Her Story
About May
I have been a scientific recruiter for the past 15 years, specializing in PhD-level women in drug discovery and pharmaceutical development. I'm a former PhD scientist myself, Ivy League trained at Cornell, Columbia, and Yale University. After completing my postdoctoral studies at Yale, I worked for a molecular diagnostics company for quite a few years. During my career, I've also been entrepreneurial, working with my husband to start a restaurant, owning a pretzel franchise, and training myself in sales and marketing. I wrote a book called 'Millionaire Mindset for Women' to empower women's mindset so they can think wealth and do more things for themselves, their family, the community, and the world, breaking through traditional paradigms and cultural limitations. The book is dedicated to my mother, who never worked outside the home but invested carefully and built a $10 million portfolio. Now I've launched Power on the Edge, a platform where I lead workshops, mastermind groups, and individual coaching. It focuses on how women hesitate at pivotal moments when they can push themselves forward or become more visible, but they hold back - everything from raising your hand, offering comments or questions, asking for a promotion, or raising your prices. I want to combine my recruiting work with women's career advancement and help them transition into becoming entrepreneurs or starting their own business.
Her Interview
Ten minutes with May
01What do you attribute your success to?
It's not just hard work, it's not just do it. You gotta be aligned with your dream, you gotta listen to the dream, you gotta visualize it, you gotta revisit it. Because so many times we get caught up being mothers, or employees, and we just get through the day, get through your life, one week passes, and eventually you're like, oh my gosh, my kids are grown up, now what? So what I attribute it to is don't ever forget the dream, always keep visiting it, and if you can, just keep putting in time on your schedule to keep working on it, because eventually it will manifest, it will come to fruition. And don't let other little things get in the way. A lot of women had to put their careers on the side to raise their family, they couldn't take too many risks, which is understandable, but eventually when they grow up, don't just sit back on a rocking chair. Go for it, keep going, keep going.

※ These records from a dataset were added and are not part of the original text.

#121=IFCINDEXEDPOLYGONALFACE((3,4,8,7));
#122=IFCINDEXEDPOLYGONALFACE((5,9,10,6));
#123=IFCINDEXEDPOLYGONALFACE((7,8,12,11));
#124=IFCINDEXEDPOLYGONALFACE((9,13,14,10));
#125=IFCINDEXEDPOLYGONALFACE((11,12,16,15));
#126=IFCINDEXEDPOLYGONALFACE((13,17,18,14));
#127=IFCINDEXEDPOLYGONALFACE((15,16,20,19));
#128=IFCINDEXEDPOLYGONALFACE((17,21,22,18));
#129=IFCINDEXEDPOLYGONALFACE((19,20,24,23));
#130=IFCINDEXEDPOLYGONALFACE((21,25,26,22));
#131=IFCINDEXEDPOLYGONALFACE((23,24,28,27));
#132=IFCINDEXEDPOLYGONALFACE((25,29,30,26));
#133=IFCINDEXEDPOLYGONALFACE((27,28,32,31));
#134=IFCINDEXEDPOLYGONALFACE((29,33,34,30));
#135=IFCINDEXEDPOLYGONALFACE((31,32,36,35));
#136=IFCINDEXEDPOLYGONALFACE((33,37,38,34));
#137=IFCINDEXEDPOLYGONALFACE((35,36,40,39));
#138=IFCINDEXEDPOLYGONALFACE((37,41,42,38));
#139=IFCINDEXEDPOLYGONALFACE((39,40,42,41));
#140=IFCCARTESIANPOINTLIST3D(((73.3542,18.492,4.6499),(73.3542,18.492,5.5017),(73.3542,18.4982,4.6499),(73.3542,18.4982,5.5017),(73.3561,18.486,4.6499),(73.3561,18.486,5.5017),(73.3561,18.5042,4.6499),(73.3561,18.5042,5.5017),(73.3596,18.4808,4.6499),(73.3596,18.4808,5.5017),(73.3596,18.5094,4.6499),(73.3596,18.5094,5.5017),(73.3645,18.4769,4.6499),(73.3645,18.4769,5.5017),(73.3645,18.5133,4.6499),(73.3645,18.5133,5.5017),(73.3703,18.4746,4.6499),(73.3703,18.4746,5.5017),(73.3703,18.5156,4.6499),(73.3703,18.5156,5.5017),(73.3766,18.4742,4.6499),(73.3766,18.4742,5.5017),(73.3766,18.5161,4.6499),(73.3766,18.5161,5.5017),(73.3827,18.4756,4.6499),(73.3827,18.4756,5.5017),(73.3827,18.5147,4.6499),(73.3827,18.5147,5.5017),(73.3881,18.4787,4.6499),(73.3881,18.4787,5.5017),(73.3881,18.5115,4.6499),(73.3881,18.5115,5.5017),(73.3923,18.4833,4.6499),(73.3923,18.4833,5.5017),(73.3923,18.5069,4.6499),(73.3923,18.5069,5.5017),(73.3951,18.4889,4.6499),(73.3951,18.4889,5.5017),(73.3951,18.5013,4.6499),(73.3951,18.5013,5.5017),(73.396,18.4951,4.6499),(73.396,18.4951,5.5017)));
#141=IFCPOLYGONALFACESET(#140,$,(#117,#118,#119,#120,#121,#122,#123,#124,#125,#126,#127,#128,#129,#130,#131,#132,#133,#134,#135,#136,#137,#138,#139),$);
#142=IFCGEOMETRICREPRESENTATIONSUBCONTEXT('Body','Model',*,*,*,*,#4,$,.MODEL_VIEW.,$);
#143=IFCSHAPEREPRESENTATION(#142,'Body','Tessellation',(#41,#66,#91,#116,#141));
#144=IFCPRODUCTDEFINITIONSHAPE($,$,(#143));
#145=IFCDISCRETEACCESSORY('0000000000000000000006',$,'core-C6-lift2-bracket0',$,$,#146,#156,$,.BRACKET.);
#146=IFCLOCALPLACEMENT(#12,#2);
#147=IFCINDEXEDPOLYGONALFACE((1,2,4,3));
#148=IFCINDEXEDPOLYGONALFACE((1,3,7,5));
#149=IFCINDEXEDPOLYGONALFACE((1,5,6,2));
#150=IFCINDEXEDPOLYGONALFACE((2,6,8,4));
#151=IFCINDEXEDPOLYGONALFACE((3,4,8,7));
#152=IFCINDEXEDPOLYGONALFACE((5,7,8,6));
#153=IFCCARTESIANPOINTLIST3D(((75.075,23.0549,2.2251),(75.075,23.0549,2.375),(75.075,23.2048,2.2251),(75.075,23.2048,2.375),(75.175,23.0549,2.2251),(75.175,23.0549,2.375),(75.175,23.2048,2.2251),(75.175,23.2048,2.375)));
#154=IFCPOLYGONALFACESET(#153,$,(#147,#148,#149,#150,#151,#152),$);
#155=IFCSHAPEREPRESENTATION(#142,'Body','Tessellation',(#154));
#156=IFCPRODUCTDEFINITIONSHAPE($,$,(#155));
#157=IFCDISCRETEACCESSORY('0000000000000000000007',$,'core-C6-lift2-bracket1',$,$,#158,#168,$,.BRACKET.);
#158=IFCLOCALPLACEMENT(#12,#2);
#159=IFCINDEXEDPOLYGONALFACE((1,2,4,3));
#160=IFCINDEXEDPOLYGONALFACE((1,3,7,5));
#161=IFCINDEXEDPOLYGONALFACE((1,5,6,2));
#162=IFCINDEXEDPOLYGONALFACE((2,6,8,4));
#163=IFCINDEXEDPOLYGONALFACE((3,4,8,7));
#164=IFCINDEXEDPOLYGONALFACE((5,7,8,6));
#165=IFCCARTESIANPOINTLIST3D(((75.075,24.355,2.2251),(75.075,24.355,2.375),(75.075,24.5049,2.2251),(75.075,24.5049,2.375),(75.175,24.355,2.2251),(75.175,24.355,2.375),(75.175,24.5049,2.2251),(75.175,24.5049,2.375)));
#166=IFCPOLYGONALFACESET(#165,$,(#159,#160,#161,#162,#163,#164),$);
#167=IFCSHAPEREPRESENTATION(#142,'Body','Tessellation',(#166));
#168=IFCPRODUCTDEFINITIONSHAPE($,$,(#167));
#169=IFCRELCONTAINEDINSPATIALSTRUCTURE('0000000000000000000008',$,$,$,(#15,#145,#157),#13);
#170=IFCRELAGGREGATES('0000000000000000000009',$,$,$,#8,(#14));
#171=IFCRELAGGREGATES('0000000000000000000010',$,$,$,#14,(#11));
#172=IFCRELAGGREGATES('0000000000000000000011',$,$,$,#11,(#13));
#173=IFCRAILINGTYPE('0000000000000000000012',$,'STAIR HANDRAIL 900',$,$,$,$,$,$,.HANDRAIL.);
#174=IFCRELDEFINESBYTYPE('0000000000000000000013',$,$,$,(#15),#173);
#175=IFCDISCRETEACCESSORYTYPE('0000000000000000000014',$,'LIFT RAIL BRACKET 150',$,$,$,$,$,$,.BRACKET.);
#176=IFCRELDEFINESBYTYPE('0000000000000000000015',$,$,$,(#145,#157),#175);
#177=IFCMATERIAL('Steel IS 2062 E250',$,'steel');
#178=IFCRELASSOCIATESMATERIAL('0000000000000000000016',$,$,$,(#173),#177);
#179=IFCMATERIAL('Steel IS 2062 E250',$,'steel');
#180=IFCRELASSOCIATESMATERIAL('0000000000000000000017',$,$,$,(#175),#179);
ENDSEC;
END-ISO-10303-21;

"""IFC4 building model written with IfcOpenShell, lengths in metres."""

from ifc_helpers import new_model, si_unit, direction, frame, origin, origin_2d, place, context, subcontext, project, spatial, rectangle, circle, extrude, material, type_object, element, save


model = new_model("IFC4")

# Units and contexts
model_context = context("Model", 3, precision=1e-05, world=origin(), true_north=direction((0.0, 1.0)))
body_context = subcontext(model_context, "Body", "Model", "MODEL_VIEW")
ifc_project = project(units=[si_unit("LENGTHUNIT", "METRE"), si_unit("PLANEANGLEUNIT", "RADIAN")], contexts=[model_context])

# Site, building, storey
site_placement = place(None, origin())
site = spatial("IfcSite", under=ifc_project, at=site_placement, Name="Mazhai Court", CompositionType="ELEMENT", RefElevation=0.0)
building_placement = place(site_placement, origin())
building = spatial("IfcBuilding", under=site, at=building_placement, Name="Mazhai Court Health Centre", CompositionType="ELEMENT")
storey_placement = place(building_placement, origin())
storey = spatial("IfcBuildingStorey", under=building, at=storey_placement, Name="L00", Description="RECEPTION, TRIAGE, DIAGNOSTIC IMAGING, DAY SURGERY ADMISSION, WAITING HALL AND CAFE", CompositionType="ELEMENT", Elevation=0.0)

02What’s the best career advice you’ve ever received?
One mentor who really influenced me was an optometrist whose mother had 7 businesses. She learned from her mother how to start a small business, and she didn't just become an optometrist who sits there and sees patients - she turned that into an entire business. She runs two offices with 4 doctors working for her. She took all her money and kept investing and investing, and now she has multifamily properties and is up there in the 8 figures. Her whole story was that when she started off as an optometrist, she and her husband lived like students, even though they were making money and had their degrees. They lived so frugally and kept putting their money away until they could invest in a business, then start investing in other ones. You can't spend every penny you get as soon as you make more. You need to plan for the future, you have to do some little bit of initial sacrifice. That's how I hear all these incredible, successful people do it.
03What advice would you give to young women entering your industry?
I totally believe in something called self-expression. There's something inside all of us that wants to come out, that wants to be voiced or written in words. It's a tiny voice sometimes, and it's very tentative. Years ago, I said I'd like to be an author, I'd like to write a book, but it was so tiny, and the bigger voice was, you can't do it, nobody's going to read what you say, nobody wants to hear what you write about. And that voice was so overpowering that the little voice got supplicated, snuffled. Finally, I started listening to that little voice. So you gotta believe in that dream that you have, that calling, and let it come forth. It takes a lot of little steps at a time. Every day, you have to push against it. That's why I call my platform Power on the Edge, because you reach an edge where you can either back down or keep pushing forward, and that takes effort and determination. But if you don't do it, you'll end up being in the same place 10 years later, still dreaming, or you have a book with two words on it or two chapters, and it's sitting there. Your identity hasn't solidified as an author. You're still tentative, you're still scared to say something meaningful, you don't believe in what you want to say, you don't think anyone wants to hear it, and that is so wrong. I want to help younger women, or any woman at any stage that has so much self-doubt and hesitation - you need to overcome that, and I can help them do that.